# Beruflicher Einstieg in die SPS-Programmierung



## Ataraxieus (6 August 2019)

Wie gehe ich am besten vor um mich in dem Gebiet der SPS-Programmierung beruflich einbringen zu können. 

Im Oktober schließe ich meine Umschulung zum Elektroniker für Energie- und Gebäudetechnik ab.
Wären dieser wurde ich mit dem Thema SPS konfrontiert. Da mich dieses Thema sehr interessiert, habe ich mich tiefer mit der Materie beschäftigt und unter anderem privat den SPS-ILS-Kurs mit Zertifikat absolviert, welche leider nur die die Grundlagen behandelte. 
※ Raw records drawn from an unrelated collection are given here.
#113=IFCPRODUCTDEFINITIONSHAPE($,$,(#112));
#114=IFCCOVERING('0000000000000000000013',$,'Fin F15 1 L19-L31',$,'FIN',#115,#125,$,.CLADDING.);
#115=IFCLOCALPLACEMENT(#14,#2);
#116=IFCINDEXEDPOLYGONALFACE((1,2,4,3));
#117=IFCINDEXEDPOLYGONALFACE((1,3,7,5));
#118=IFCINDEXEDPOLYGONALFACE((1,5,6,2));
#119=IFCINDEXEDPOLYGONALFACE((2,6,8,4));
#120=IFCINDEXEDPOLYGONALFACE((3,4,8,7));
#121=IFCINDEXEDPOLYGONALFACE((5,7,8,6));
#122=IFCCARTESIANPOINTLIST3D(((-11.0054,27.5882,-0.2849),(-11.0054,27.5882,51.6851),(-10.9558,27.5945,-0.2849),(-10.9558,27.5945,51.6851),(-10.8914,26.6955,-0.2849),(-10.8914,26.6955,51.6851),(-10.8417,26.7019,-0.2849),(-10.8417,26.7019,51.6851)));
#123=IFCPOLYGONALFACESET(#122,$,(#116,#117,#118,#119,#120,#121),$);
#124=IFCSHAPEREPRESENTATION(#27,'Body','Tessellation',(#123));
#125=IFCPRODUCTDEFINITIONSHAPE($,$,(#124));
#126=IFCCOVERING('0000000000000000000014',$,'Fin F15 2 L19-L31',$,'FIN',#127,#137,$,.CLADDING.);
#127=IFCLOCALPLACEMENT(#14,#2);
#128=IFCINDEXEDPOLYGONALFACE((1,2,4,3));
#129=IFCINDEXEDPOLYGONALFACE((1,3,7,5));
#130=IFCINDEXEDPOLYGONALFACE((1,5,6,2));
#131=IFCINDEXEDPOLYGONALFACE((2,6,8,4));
Gleichzeitig habe ich an kleineren Arduino-Projekten gebastelt und um diese zu Programmieren zu können,habe ich mit C/C++ beschäftigt (Buch durchgearbeitet).

Reise- und Umzugsbereitschaft (komme aus Hamburg) ist vorhanden und Englisch verstehe ich auch sehr gut.

Mein Lebenslauf ist leider nicht ganz so Gradlinig:
Abi, VWL-Studium (abgebrochen),Rettungssanitäter, Umschulung zum Elektroniker für Energie und Gebäudetechnik. 
(Ledig und 30 Jahre alt.)

Welcher Weg ist jetzt für mich der beste?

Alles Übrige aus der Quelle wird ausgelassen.